MongoDB is a source available NoSQL DB from MongoDB corp and was first released in 2009. NoSQL rose to popularity due to its schema flexibility, and ability to scale horizontally as NoSQL uses the Base approach.

Some salient points on NoSQL

NoSQL stands for Not Only SQL
No predefined schema
supports evntual consistency
high performance, high availablity, and highly scalable
NoSQL uses the BASE approach

Mongo uses a slightly different naming convention than typical SQL DB’s
Table -> Collection
Row -> Document
Column -> Field
Join -> Embedded Document

Table of Contents

Introduction
BASE VS ACID
CAP Theorem
Different types of NoSQL DB’s
Mongo DB Features
Scalability in Mongo VS RDBMS
Data Modeling
- Embedded Data Model
- Normalized Data Model
  - Aggregation Pipelie
Mongo DB Commands

BASE VS ACID

BASE: Base provides lesser assurance than ACID, however, scales well and is also able to adjust to changes easily.
- Basically Available i.e Guaranteed availability in case of failure,
- Soft state i.e State of DB can change without application interaction due to eventual consistency,
- eventual consistency i.e will be eventually consistent after the application input. The data will be replicated to different nodes and will eventually reach a consistent state.

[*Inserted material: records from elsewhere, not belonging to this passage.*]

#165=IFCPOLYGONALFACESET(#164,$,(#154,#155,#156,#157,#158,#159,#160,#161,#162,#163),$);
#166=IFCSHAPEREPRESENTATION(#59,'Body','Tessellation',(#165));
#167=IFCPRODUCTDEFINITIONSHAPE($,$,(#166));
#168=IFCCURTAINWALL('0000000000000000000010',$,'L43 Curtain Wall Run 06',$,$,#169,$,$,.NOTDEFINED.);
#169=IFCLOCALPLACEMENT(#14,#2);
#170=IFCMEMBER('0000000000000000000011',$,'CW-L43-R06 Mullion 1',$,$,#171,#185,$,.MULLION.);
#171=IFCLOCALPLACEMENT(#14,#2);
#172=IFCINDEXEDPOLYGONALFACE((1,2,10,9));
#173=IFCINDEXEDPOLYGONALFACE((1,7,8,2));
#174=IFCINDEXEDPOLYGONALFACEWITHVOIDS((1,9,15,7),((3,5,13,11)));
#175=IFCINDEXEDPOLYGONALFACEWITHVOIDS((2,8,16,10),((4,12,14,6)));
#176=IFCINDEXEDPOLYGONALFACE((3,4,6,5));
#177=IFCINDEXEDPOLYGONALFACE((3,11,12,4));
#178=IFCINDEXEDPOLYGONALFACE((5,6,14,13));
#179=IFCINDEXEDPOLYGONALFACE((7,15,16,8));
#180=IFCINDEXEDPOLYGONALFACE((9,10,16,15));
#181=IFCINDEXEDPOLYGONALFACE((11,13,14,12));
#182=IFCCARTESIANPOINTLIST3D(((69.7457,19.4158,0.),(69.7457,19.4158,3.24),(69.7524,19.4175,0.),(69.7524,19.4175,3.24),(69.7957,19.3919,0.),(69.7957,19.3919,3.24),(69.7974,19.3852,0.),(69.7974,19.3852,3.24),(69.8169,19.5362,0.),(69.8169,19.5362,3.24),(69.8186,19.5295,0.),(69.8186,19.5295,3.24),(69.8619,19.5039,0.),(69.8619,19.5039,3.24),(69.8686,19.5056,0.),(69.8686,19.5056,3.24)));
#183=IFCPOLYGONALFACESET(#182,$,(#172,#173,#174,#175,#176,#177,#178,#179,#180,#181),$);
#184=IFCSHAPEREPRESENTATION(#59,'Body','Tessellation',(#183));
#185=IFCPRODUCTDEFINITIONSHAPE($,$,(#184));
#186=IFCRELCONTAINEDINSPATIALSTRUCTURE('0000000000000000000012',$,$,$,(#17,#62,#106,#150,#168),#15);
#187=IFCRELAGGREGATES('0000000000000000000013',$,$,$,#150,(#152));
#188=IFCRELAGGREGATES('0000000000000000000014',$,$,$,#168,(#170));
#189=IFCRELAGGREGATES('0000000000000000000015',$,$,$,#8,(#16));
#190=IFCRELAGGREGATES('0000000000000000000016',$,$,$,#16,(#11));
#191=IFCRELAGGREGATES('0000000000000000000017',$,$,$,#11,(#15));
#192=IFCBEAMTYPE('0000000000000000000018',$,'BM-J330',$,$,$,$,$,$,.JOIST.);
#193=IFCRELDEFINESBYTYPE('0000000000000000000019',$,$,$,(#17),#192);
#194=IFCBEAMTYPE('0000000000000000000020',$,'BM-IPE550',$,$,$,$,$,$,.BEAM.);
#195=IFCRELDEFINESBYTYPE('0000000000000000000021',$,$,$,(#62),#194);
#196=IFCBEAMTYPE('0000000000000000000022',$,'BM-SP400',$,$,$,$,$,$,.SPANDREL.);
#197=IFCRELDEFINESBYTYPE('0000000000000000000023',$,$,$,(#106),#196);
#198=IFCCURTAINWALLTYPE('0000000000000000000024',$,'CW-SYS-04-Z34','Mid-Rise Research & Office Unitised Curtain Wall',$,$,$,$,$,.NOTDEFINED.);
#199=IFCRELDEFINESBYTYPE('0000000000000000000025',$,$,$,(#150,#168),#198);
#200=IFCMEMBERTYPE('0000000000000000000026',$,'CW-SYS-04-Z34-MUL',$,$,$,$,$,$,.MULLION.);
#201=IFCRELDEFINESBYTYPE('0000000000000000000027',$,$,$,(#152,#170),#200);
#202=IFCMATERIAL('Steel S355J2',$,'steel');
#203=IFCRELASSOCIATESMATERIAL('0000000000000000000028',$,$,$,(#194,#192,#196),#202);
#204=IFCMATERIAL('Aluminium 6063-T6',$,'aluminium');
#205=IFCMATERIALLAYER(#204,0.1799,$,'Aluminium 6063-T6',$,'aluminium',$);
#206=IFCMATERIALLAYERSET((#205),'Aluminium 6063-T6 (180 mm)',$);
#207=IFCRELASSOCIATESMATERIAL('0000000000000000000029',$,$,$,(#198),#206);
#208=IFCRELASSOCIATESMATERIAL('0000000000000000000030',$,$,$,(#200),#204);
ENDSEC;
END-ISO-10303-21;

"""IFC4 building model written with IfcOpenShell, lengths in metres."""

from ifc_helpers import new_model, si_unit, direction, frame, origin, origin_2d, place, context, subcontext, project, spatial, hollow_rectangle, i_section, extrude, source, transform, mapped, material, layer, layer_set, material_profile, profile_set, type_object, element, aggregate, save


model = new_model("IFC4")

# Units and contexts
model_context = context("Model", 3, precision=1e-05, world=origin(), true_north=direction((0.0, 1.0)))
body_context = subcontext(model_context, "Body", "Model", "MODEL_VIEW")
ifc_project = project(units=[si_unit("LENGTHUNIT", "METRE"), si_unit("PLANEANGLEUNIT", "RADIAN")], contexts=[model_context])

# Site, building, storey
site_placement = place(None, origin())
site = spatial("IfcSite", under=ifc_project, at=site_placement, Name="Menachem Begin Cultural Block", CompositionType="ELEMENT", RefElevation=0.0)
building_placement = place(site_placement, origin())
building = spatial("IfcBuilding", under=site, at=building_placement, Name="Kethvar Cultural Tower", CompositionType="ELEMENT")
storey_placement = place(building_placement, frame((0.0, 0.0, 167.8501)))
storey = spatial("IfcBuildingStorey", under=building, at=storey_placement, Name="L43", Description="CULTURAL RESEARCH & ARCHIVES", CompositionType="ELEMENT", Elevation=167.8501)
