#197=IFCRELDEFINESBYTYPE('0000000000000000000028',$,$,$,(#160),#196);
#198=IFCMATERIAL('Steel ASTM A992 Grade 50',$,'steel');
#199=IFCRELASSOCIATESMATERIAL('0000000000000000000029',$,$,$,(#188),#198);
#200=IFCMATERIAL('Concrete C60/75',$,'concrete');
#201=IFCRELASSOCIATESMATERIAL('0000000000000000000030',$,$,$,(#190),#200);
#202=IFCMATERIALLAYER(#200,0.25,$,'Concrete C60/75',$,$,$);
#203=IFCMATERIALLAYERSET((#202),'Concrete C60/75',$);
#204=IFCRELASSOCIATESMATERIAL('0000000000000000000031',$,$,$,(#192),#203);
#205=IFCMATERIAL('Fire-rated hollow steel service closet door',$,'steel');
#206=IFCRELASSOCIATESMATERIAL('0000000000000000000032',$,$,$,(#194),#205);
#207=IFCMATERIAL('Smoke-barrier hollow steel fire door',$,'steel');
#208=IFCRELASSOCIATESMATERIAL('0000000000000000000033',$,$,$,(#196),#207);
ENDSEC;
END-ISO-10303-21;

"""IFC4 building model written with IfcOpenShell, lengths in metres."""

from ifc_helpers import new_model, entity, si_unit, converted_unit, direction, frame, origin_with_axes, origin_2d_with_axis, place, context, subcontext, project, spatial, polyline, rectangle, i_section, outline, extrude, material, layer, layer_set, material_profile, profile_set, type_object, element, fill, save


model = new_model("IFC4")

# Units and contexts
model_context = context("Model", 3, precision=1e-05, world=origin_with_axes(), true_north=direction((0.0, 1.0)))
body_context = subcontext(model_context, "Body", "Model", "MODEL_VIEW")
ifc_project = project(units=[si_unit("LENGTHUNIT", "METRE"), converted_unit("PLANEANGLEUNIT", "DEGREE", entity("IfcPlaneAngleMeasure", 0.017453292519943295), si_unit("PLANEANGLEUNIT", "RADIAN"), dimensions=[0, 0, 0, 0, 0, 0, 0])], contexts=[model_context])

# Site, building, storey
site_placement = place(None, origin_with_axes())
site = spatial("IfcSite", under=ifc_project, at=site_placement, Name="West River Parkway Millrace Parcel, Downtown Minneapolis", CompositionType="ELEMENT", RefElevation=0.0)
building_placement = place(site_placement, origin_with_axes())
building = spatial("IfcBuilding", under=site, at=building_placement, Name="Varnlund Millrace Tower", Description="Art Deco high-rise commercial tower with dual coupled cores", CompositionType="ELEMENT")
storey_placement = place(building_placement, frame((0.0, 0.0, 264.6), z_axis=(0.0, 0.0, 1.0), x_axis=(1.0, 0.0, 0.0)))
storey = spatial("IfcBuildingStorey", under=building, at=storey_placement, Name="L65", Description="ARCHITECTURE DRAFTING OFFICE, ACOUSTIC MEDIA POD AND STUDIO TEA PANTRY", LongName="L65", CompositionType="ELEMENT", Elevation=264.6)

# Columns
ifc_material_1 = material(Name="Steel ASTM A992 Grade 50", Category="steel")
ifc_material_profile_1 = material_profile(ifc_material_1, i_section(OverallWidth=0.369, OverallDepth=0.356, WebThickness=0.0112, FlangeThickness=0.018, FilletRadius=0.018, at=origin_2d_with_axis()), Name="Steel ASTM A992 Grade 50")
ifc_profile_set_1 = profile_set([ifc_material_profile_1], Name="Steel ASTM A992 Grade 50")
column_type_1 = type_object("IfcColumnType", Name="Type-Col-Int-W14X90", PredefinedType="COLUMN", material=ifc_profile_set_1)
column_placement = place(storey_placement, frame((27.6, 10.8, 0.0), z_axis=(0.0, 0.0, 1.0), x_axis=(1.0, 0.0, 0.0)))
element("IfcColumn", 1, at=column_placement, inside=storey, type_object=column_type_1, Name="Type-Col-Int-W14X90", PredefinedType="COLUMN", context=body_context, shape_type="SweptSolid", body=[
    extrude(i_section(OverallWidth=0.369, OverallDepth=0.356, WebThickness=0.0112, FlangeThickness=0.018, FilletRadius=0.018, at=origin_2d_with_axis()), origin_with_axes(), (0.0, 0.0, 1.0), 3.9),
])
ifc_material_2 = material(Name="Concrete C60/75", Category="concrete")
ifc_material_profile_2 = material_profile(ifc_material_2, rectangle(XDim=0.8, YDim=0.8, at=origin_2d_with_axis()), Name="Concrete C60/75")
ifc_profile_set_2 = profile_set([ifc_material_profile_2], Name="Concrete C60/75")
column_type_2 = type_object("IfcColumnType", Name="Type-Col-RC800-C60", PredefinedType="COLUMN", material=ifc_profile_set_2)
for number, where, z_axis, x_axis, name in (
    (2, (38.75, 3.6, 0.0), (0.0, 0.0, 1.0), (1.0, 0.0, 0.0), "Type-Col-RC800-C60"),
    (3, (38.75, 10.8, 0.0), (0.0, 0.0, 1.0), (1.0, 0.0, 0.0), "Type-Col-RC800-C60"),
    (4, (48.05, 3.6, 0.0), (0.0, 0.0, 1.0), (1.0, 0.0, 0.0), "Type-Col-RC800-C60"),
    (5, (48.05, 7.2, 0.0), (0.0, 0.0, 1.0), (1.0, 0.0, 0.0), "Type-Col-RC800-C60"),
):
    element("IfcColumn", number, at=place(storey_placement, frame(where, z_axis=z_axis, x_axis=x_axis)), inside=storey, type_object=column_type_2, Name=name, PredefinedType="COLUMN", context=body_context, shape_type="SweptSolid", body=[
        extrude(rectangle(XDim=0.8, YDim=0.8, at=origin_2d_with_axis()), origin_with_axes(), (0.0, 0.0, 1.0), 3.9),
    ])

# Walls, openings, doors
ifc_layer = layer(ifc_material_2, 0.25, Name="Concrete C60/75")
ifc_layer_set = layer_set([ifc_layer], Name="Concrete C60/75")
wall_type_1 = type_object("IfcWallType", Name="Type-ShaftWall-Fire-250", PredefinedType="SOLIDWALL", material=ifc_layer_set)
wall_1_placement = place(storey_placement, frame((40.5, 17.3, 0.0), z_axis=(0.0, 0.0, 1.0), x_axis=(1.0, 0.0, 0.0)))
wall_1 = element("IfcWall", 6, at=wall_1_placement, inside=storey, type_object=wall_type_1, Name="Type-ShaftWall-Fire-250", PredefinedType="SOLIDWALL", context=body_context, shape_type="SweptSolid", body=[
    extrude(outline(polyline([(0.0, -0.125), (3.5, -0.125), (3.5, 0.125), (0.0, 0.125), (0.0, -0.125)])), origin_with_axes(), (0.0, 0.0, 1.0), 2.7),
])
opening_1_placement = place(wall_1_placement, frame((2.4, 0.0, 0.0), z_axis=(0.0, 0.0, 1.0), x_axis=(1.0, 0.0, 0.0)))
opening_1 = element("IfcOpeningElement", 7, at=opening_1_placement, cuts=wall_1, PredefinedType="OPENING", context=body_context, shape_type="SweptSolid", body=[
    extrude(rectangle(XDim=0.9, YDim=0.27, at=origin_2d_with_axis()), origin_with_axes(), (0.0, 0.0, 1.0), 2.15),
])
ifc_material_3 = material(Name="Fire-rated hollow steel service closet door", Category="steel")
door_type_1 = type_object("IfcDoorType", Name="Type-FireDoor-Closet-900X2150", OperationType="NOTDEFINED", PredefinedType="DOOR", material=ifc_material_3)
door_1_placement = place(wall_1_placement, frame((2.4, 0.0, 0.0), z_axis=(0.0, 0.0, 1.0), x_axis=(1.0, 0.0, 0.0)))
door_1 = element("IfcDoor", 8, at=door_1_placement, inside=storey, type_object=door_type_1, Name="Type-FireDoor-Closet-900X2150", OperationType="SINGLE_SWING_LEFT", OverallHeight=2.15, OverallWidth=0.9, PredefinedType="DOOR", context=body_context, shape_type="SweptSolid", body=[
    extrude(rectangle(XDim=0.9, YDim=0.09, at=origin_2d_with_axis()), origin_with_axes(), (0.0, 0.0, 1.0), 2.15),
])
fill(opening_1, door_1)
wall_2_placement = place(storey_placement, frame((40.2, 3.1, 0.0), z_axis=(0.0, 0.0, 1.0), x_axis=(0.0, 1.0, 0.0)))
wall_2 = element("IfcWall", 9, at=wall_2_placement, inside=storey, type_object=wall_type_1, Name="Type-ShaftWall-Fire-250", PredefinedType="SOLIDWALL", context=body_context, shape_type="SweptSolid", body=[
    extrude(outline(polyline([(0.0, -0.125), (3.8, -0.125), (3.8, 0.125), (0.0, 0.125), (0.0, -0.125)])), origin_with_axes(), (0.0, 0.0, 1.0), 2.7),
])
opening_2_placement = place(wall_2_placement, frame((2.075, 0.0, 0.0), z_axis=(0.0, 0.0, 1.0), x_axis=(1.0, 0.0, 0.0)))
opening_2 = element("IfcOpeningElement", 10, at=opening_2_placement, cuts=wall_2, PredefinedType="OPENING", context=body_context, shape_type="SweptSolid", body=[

ACID: Atomicity, Consistency, Idempotency, and Durability
- Atomicity means that transactions must complete or fail as a whole, so a lot of bookkeeping must be done behind the scenes to guarantee this.
- Consistency ensures that a transaction can only bring the database from one valid state to another, any data written to the database must be valid according to all defined rules, including constraints, cascades, triggers, and any combination. However this is different to Consistency in CAP theorem.
- Isolation ensures that concurrent execution of transactions leaves the database in the same state that would have been obtained if the transactions were executed sequentially
- Durability guarantees that once a transaction has been committed, it will remain committed even in the case of a system failure.

The SQL API lacks a mechanism to describe queries where ACID’s requirements are relaxed. This is why the BASE databases are all NoSQL.

CAP Theorem

Also known as Brewer’s theorem states that it is impossible for a Distributed system to provide more than two of the following three properties.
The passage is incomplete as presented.